Photothermal properties and photothermal conversion performance of nano-enhanced paraffin as a phase change thermal energy storage material

The paraffin incorporation in device of glass envelope allows the thermal regulation, increasing the thermal comfort and energy efficiency of buildings. Addition of nanoparticles has an advanced application prospect in the field of solar energy collection and storage capacity of glass envelope systems filled with paraffin. The present study conducts an experimental and numerical investigation in order to study photothermal properties of the paraffin incorporated ZnO or CuO nanoparticles. An experimental and theoretical model is also established to analyze the effect of nanoparticles on the thermophysical and optical properties of nano-enhanced paraffin. The results show that due to the presence of the nanoparticles, the transmittance of nano-enhanced paraffin decreases. On the other hand, temperature increment results in a small rise in the transmittance of nano-enhanced paraffin. The results also indicate that the utilized nanoparticles exhibit a higher attenuation to light, and the scattering effect cannot be avoided, where the maximum scattering proportion is 6.3%. Improvements of 5.87 and 13.12% in thermal conductivity of nano-enhanced paraffin at the volume fraction of 5 x 10(-4) vol% are obtained using ZnO and CuO nanoparticles, respectively. The evaluation of the photothermal performance based on the temperature variations shows that the CuO/paraffin can absorb more solar energy.

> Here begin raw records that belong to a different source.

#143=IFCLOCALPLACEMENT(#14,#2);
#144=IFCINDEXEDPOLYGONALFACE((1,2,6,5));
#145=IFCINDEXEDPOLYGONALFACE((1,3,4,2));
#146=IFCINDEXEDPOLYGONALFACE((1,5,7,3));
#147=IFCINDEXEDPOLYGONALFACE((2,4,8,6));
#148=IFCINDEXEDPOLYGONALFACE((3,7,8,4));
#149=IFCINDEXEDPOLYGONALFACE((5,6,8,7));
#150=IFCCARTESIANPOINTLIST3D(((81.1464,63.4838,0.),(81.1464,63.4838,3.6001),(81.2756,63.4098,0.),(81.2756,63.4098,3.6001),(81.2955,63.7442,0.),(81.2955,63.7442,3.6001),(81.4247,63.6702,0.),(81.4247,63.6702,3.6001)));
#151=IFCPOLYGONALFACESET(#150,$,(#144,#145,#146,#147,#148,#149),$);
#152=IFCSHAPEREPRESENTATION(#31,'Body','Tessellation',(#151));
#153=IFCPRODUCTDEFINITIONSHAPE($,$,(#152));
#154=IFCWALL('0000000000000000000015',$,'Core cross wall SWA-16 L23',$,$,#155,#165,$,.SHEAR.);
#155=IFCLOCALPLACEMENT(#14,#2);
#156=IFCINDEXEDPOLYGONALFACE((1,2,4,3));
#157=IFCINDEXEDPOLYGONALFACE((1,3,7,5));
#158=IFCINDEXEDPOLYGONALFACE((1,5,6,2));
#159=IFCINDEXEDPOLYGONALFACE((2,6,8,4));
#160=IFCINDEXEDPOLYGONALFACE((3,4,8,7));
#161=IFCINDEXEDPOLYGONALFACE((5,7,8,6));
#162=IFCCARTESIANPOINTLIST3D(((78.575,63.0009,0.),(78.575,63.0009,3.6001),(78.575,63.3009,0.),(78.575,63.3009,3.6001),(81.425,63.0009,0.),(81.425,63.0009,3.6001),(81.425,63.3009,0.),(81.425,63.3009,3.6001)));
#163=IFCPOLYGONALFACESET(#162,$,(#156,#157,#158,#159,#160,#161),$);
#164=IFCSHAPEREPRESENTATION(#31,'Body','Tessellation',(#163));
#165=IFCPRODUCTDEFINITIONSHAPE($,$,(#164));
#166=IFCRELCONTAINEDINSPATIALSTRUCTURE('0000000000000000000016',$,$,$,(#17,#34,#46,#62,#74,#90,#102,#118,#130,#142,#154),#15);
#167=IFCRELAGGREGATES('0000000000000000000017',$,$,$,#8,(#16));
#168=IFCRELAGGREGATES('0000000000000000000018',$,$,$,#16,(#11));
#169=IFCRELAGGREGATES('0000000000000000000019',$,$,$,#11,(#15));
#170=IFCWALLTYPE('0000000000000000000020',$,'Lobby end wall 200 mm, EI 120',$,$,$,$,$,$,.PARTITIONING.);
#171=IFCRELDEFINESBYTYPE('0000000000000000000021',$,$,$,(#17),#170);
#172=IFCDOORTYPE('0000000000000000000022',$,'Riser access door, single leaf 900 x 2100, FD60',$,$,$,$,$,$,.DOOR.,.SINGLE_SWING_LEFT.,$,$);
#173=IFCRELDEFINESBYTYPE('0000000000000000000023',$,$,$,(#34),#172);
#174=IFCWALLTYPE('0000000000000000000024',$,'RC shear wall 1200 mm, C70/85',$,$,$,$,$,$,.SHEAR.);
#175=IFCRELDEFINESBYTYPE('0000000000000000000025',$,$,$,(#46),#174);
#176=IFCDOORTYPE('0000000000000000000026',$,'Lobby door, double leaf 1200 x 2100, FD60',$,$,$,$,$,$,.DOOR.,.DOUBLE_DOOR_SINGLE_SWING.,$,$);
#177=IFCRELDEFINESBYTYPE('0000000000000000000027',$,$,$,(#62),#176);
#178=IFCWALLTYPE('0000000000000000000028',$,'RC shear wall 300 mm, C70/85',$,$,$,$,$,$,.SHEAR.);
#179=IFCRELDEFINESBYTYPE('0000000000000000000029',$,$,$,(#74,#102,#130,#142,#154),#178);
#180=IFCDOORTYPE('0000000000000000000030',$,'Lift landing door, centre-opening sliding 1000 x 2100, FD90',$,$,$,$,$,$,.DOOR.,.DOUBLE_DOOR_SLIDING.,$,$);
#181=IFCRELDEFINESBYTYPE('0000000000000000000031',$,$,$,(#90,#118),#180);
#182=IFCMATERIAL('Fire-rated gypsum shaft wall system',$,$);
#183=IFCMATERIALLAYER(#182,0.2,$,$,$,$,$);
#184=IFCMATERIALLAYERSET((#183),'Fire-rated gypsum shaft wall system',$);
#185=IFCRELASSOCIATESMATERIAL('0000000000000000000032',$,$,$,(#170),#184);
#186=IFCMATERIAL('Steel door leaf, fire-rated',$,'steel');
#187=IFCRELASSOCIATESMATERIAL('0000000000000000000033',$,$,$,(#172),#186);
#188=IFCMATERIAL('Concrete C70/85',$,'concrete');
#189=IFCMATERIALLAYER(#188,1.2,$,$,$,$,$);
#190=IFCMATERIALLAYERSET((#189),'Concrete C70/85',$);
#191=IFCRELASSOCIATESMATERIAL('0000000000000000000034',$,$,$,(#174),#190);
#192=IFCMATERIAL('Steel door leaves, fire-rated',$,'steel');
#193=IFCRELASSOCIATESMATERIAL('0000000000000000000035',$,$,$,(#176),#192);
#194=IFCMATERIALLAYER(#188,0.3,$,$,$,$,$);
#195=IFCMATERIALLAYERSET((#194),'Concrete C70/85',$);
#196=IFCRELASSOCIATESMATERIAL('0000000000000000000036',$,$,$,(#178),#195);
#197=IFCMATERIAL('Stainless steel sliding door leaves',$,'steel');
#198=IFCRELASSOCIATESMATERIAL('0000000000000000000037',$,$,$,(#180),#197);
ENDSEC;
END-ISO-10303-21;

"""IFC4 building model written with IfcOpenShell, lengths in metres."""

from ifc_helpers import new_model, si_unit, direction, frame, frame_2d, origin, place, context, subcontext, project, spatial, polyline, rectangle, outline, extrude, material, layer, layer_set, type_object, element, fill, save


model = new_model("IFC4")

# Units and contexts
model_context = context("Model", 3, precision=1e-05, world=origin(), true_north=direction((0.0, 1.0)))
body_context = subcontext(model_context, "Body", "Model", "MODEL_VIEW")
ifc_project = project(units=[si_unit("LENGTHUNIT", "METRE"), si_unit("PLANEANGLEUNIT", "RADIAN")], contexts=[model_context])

The optimum photothermal performance can be satisfied by the nanoparticle volume fraction ranging from 5 x 10(-4)to 1.5 x 10(-3) vol%.

Automated summary

The addition of nanoparticles decreases the transmittance of nano-enhanced paraffin while a small rise in transmittance occurs with temperature increment. ZnO and CuO nanoparticles can improve the thermal conductivity of nano-enhanced paraffin. CuO/paraffin can absorb more solar energy, and the optimal photothermal performance can be achieved by adjusting the nanoparticle volume fraction.